Новые пересечения линий, вышедших из дела К., пошли в дальнейшую разработку. Но с этого момента, по просьбе своих следователей, я перестроил внутреннюю сеть и сознательно отступил от принятого правила единоличного ведения секретными агентами. Выдача им заданий при большом напряжении отнимала много времени, в ущерб другим делам. Я раздал секретных агентов на руки своих помощников.
Судьба К. зависела от превратностей революции. После нескольких неудачных попыток защититься он стал ссылаться на недомогание и просил перевести его в больницу. Переверзев видел в этих просьбах только искание новых путей к освобождению и прочно держал К. в Трубецком бастионе, пока оставался министром.
В сентябре того же года, находясь на Кавказе, я прочел телеграмму из Петрограда, что министр юстиции Малянтович выпустил К. на свободу под залог в 30 тысяч рублей. Дешево же, почти даром обошлись ему 12 листов сепаратного договора и письмо Брейденбейд, не говоря уже о всех остальных бесплатных приложениях!
Глава 8
Чернов
Временное правительство первой коалиции пришло к власти через вооруженную демонстрацию 21 апреля, организованную большевиками на немецкие деньги [35] . Оно насчитывало в своем составе 6 социалистов, среди которых министром земледелия состоял член Центрального комитета партии социалистов-революционеров В. Чернов.
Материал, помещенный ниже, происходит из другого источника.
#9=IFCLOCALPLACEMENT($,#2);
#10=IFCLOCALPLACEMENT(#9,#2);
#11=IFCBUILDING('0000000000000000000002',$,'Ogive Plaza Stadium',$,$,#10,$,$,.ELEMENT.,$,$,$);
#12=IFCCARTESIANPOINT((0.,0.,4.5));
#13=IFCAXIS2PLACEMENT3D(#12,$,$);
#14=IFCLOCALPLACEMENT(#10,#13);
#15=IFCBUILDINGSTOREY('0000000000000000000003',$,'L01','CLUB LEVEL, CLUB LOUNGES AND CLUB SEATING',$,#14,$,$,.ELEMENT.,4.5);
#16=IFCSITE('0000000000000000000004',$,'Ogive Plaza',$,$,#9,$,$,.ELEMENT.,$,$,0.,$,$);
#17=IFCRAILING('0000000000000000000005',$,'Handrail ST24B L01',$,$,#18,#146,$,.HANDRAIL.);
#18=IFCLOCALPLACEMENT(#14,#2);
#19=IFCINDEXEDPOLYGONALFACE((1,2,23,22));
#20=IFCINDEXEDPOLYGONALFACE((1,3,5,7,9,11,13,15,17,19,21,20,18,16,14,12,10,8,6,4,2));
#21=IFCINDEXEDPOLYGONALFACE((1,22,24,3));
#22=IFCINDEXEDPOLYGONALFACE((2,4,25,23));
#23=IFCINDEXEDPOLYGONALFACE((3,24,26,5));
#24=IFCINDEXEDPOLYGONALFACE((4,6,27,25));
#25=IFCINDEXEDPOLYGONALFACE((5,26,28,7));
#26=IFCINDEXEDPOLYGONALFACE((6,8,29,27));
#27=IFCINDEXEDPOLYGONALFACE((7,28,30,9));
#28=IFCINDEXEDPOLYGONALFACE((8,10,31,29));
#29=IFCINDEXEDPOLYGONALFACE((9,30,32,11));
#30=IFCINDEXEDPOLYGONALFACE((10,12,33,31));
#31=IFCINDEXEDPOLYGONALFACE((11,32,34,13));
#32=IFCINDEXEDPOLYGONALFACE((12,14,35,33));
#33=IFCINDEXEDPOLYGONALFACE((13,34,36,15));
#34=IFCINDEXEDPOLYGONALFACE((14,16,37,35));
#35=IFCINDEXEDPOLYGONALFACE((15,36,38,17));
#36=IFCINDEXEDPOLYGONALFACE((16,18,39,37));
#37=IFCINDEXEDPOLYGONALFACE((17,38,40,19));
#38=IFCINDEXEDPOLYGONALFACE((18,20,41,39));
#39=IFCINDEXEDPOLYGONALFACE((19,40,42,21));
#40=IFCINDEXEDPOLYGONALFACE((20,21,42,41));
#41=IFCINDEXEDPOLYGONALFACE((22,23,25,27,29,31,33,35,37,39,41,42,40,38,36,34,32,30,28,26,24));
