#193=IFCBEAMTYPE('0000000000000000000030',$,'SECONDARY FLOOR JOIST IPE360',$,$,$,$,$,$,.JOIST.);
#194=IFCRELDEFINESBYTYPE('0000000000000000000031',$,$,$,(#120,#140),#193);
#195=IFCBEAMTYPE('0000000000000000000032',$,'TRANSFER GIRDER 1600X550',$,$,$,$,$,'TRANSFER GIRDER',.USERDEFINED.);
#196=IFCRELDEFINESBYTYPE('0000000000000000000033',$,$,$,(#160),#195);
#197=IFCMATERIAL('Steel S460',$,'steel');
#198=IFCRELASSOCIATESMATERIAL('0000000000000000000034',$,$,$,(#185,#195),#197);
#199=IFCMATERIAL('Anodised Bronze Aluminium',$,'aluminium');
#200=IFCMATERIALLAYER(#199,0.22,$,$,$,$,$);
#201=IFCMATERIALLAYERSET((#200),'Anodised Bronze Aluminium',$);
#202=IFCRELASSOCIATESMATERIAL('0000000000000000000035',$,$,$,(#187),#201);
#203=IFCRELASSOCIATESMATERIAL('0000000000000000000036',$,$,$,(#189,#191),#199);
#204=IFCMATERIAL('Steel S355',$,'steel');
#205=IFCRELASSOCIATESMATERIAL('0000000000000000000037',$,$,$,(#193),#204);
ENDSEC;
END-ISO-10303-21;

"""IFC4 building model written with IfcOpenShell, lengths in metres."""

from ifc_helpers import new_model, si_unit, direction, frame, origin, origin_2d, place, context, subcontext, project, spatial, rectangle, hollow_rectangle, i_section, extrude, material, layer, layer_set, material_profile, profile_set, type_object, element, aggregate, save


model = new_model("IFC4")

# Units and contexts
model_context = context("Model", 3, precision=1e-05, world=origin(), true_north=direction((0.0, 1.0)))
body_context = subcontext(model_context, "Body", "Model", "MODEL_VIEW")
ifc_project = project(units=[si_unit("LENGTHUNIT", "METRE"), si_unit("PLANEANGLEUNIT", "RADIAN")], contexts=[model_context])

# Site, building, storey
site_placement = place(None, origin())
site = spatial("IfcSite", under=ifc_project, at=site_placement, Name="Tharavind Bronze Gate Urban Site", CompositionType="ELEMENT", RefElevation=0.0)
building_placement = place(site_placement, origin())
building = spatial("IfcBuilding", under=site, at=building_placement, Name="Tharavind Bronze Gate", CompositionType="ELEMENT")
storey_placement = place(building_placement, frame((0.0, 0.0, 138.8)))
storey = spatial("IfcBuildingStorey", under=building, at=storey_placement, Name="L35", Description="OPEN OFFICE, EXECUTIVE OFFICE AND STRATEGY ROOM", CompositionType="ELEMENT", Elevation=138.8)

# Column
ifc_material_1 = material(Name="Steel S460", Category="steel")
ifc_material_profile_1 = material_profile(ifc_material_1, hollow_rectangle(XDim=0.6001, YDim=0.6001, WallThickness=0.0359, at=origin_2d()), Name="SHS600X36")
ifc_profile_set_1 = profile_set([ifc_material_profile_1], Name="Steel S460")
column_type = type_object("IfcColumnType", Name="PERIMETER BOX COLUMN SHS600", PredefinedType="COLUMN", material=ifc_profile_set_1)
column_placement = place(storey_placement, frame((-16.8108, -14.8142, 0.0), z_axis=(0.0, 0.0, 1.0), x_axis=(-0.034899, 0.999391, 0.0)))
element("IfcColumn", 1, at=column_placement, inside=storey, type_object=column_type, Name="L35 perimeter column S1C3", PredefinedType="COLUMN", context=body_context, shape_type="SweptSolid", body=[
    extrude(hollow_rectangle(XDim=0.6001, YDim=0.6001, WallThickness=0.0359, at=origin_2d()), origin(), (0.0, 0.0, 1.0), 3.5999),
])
Как-то в мае я заехал в Английскую миссию. «Посмотрите, какое интересное сведение», – сказал мне майор Alley, достав из письменного стола небольшую книжечку. В руках его оказался секретный справочник английской разведки издания 1916 года.
35
См. гл. «Немецкие деньги».
Alley раскрыл справочник, положил передо мной, и мы вместе прочли, а я тут же кратко записал в переводе следующее резюме прочитанного:
«Бывший австрийский консул во Флоренции Пельке фон Норденшталем после объявления войны Италией переехал в Швейцарию. Там он специально вербовал политических деятелей для работы в пользу Центральных держав. Одним из привлеченных им для такого рода деятельности был Чернов».
Alley загадочно улыбается. У меня захватило дыхание. Действительно, очень интересно.